# High Elf Sword Masters



## grumpyolddragon (Apr 16, 2011)

Hi,

I was just wondering what opinions were for taking HE Sword Masters in a 1500-2000pt army. I'm thinking of running 2 squads of 10 with full command or should I just combine the 2 sqauds into 1 big squad with command? Thoughts?


----------



## Masked Jackal (Dec 16, 2009)

Swordmasters are usually pretty rape, but you have to get them into combat. Splitting them into two units of 10 is about as bad as you could run them, one 20-man unit, 7-wide should be good.


----------



## Orochi (Jan 28, 2009)

For every sword master you buy, it's a Phoenix guard you can't.


----------



## Tim/Steve (Jan 25, 2009)

Sword masters are good, white lions are better, phoenix guard are best... SMs just die too fast to shooting and magic for my liking, which is why I prefer the other special options.
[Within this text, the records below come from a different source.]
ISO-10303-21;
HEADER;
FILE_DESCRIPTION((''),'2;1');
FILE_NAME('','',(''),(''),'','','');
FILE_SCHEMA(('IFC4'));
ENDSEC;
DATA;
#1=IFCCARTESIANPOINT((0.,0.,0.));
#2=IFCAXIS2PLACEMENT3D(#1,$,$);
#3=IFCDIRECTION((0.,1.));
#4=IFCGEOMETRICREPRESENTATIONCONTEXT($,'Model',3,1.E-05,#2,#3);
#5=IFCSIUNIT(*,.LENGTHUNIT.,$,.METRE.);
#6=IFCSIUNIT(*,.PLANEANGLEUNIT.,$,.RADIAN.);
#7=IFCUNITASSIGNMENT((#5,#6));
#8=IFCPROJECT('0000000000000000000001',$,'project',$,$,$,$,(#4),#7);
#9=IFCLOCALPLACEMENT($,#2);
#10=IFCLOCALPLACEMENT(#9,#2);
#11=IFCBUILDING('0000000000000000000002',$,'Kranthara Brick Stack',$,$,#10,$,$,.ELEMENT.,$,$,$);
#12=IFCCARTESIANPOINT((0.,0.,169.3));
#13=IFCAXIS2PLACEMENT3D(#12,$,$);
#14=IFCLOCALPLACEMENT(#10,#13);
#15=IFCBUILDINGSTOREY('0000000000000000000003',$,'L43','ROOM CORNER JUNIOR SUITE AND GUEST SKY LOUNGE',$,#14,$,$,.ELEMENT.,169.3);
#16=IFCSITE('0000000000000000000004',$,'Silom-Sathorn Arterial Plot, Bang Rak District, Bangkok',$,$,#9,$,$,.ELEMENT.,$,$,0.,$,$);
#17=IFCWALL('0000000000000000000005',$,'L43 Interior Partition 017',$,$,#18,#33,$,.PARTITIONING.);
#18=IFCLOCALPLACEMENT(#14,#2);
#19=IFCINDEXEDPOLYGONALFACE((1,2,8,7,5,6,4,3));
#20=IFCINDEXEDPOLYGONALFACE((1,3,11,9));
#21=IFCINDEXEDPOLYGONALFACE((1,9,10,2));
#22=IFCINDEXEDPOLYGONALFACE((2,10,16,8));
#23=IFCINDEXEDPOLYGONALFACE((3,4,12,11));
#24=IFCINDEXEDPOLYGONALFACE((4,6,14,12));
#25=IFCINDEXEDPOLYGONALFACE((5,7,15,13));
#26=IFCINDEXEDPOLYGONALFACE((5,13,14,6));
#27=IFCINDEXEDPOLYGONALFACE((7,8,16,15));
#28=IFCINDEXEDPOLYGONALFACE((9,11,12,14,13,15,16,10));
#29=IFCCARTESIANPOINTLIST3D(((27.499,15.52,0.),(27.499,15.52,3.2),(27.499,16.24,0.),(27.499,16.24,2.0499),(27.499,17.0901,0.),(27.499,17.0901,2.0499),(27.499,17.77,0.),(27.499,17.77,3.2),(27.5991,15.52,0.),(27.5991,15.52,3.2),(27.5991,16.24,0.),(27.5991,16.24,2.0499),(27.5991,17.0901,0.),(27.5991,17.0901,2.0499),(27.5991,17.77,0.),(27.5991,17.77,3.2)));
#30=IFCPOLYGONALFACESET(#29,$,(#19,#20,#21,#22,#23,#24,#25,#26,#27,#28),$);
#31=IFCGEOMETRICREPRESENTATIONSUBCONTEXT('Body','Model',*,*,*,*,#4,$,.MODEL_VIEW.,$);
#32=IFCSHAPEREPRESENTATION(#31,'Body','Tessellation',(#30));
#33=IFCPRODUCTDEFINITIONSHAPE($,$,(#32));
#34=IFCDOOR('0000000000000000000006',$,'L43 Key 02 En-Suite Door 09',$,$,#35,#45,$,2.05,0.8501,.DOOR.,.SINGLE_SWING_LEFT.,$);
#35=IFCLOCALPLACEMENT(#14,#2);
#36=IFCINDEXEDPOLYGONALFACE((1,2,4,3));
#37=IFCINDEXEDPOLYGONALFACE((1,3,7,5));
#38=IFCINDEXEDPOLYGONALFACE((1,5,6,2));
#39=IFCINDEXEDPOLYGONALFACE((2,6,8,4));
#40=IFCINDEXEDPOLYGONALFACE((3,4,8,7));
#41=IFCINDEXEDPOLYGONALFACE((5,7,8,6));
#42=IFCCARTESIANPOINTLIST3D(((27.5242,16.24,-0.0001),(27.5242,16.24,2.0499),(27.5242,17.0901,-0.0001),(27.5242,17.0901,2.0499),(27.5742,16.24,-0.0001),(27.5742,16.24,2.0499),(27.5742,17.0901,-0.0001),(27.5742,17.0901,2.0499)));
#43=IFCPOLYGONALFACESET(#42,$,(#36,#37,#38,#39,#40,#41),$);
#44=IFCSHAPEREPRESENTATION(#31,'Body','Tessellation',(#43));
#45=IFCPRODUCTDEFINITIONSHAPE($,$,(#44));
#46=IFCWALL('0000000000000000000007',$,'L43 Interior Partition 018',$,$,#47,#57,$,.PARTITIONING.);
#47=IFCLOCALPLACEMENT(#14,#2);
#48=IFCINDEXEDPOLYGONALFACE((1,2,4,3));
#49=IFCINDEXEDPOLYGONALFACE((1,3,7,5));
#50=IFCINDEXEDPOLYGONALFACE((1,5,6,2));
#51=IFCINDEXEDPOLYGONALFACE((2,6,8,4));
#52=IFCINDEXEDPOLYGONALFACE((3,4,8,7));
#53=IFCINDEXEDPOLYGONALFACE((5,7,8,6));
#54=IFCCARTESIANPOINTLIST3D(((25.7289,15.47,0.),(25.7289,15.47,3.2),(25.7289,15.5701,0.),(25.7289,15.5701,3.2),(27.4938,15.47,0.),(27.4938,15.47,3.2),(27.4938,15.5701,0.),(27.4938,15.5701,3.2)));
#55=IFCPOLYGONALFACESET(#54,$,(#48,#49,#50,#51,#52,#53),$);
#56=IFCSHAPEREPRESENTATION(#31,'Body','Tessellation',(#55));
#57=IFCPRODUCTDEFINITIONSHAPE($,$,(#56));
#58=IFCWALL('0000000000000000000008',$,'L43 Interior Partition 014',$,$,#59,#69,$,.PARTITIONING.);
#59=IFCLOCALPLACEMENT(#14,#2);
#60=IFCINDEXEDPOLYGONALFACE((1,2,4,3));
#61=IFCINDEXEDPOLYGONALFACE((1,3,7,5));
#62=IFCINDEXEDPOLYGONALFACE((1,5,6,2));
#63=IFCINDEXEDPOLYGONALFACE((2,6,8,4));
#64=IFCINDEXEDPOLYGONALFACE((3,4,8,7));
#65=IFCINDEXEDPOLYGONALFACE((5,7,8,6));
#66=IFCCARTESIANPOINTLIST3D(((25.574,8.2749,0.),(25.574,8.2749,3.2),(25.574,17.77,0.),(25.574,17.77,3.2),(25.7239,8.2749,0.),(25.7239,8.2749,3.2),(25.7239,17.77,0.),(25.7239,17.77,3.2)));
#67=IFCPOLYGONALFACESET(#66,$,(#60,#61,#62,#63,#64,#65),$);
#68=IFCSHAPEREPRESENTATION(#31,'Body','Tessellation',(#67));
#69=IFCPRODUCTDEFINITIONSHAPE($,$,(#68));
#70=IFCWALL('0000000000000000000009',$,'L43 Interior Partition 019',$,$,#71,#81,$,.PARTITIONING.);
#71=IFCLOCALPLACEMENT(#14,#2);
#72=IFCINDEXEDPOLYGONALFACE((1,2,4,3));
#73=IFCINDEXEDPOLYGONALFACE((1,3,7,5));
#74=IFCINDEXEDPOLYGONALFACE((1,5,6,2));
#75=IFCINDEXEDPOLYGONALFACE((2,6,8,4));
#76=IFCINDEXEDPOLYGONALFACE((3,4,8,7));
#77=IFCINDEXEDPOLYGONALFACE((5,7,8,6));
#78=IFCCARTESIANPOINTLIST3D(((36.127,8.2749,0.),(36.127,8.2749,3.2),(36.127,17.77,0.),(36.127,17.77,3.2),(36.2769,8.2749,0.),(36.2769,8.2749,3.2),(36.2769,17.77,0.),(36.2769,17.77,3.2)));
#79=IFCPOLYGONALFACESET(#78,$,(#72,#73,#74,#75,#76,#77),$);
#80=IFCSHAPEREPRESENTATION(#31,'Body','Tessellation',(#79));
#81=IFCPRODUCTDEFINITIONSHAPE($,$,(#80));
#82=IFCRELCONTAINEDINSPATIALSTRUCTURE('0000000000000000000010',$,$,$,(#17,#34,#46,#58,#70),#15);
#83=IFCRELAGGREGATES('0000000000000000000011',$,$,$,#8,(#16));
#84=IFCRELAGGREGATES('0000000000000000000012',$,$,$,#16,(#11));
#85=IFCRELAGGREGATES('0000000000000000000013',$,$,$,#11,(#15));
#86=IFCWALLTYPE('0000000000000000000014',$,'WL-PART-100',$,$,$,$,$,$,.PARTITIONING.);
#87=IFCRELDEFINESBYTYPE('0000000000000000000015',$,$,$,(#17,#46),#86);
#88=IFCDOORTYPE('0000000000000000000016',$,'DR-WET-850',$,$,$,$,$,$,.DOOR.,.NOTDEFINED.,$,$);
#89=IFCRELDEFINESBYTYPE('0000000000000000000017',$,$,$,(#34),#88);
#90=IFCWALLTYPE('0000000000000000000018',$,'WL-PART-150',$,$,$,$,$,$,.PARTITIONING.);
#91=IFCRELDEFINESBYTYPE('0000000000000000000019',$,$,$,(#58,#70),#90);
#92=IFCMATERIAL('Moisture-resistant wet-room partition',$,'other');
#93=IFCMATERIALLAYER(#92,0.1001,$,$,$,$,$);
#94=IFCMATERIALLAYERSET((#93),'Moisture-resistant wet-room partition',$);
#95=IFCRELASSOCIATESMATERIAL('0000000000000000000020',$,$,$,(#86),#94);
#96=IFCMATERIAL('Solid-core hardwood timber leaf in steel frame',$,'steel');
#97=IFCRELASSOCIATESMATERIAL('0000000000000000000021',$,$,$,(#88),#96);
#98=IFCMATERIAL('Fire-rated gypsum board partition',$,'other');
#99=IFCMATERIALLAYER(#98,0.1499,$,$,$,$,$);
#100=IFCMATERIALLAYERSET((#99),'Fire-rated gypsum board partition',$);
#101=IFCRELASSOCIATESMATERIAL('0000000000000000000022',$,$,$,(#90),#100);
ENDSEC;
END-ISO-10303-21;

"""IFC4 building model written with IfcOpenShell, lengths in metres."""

from ifc_helpers import new_model, si_unit, direction, frame, frame_2d, origin, place, context, subcontext, project, spatial, rectangle, extrude, material, layer, layer_set, type_object, element, fill, save


model = new_model("IFC4")

# Units and contexts
model_context = context("Model", 3, precision=1e-05, world=origin(), true_north=direction((0.0, 1.0)))
body_context = subcontext(model_context, "Body", "Model", "MODEL_VIEW")
ifc_project = project(units=[si_unit("LENGTHUNIT", "METRE"), si_unit("PLANEANGLEUNIT", "RADIAN")], contexts=[model_context])

# Site, building, storey
site_placement = place(None, origin())
site = spatial("IfcSite", under=ifc_project, at=site_placement, Name="Silom-Sathorn Arterial Plot, Bang Rak District, Bangkok", CompositionType="ELEMENT", RefElevation=0.0)
building_placement = place(site_placement, origin())
building = spatial("IfcBuilding", under=site, at=building_placement, Name="Kranthara Brick Stack", CompositionType="ELEMENT")
storey_placement = place(building_placement, frame((0.0, 0.0, 169.3)))
storey = spatial("IfcBuildingStorey", under=building, at=storey_placement, Name="L43", Description="ROOM CORNER JUNIOR SUITE AND GUEST SKY LOUNGE", CompositionType="ELEMENT", Elevation=169.3)

# Wall, opening, door
ifc_material_1 = material(Name="Moisture-resistant wet-room partition", Category="other")
ifc_layer_1 = layer(ifc_material_1, 0.1001)
ifc_layer_set_1 = layer_set([ifc_layer_1], Name="Moisture-resistant wet-room partition")
wall_type_1 = type_object("IfcWallType", Name="WL-PART-100", PredefinedType="PARTITIONING", material=ifc_layer_set_1)
wall_1_placement = place(storey_placement, frame((27.5491, 15.52, 0.0), z_axis=(0.0, 0.0, 1.0), x_axis=(0.0, 1.0, 0.0)))
wall_1 = element("IfcWall", 1, at=wall_1_placement, inside=storey, type_object=wall_type_1, Name="L43 Interior Partition 017", PredefinedType="PARTITIONING", context=body_context, shape_type="SweptSolid", body=[
    extrude(rectangle(XDim=2.25, YDim=0.1001, at=frame_2d((1.125, 0.0))), origin(), (0.0, 0.0, 1.0), 3.2),
])
opening_placement = place(wall_1_placement, frame((0.72, 0.0, 0.0)))
opening = element("IfcOpeningElement", 2, at=opening_placement, cuts=wall_1, PredefinedType="OPENING", context=body_context, shape_type="SweptSolid", body=[
    extrude(rectangle(XDim=0.8501, YDim=2.05, at=frame_2d((0.425, 1.0249))), frame((0.0, 0.0601, 0.0), z_axis=(0.0, -1.0, 0.0), x_axis=(1.0, 0.0, 0.0)), (0.0, 0.0, 1.0), 0.1201),
])
ifc_material_2 = material(Name="Solid-core hardwood timber leaf in steel frame", Category="steel")
door_type = type_object("IfcDoorType", Name="DR-WET-850", OperationType="NOTDEFINED", PredefinedType="DOOR", material=ifc_material_2)
door_placement = place(opening_placement, origin())
door = element("IfcDoor", 3, at=door_placement, inside=storey, type_object=door_type, Name="L43 Key 02 En-Suite Door 09", OperationType="SINGLE_SWING_LEFT", OverallHeight=2.05, OverallWidth=0.8501, PredefinedType="DOOR", context=body_context, shape_type="SweptSolid", body=[
    extrude(rectangle(XDim=0.8501, YDim=2.05, at=frame_2d((0.425, 1.0249))), frame((0.0, 0.0249, 0.0), z_axis=(0.0, -1.0, 0.0), x_axis=(1.0, 0.0, 0.0)), (0.0, 0.0, 1.0), 0.05),
])
fill(opening, door)

# Walls
wall_2_placement = place(storey_placement, frame((25.729, 15.52, 0.0), z_axis=(0.0, 0.0, 1.0), x_axis=(1.0, 0.0, 0.0)))
element("IfcWall", 4, at=wall_2_placement, inside=storey, type_object=wall_type_1, Name="L43 Interior Partition 018", PredefinedType="PARTITIONING", context=body_context, shape_type="SweptSolid", body=[
    extrude(rectangle(XDim=1.7649, YDim=0.1001, at=frame_2d((0.8823, 0.0))), origin(), (0.0, 0.0, 1.0), 3.2),
])
ifc_material_3 = material(Name="Fire-rated gypsum board partition", Category="other")
ifc_layer_2 = layer(ifc_material_3, 0.1499)
ifc_layer_set_2 = layer_set([ifc_layer_2], Name="Fire-rated gypsum board partition")
wall_type_2 = type_object("IfcWallType", Name="WL-PART-150", PredefinedType="PARTITIONING", material=ifc_layer_set_2)
for number, where, z_axis, x_axis, name in (
    (5, (25.6489, 8.2749, 0.0), (0.0, 0.0, 1.0), (0.0, 1.0, 0.0), "L43 Interior Partition 014"),
    (6, (36.2019, 8.2749, 0.0), (0.0, 0.0, 1.0), (0.0, 1.0, 0.0), "L43 Interior Partition 019"),
):
    element("IfcWall", number, at=place(storey_placement, frame(where, z_axis=z_axis, x_axis=x_axis)), inside=storey, type_object=wall_type_2, Name=name, PredefinedType="PARTITIONING", context=body_context, shape_type="SweptSolid", body=[
        extrude(rectangle(XDim=9.4951, YDim=0.1499, at=frame_2d((4.7476, 0.0))), origin(), (0.0, 0.0, 1.0), 3.2),
    ])

save(model, "model.ifc")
A long time ago, back when I actually bothered using my HE I liked to take SMs in units of 7... it worked beautifully, pumping out 14 S5 attacks and then not getting hit back. Unfortunately with the coming of 8th ed the mini-SM unit has died, step up attacks and steadfast means that your unit has very little to win and a whole lot to lose.

White Lions have similar problems but at least they dont get massacred by bows on the way to the fight... meanwhile PGs can get to the fight, last long enough to win it and manage to keep fighting....


----------



## Azezel (May 23, 2010)

I played in a 1k tournie today, using two units of Swordmasters, one of 10, one of fifteen.

Now, I grant, the tables were smaller than regulation, giving the bad guys less of a chance to shoot me on the way in, but the performed well. Running two units gave me much more flexability than a single unit of 25 would have.

If you have doubts about their staying power, back them up with Lore of Life, Regrowth & Flesh to Stone covereth a multitude of sins.


----------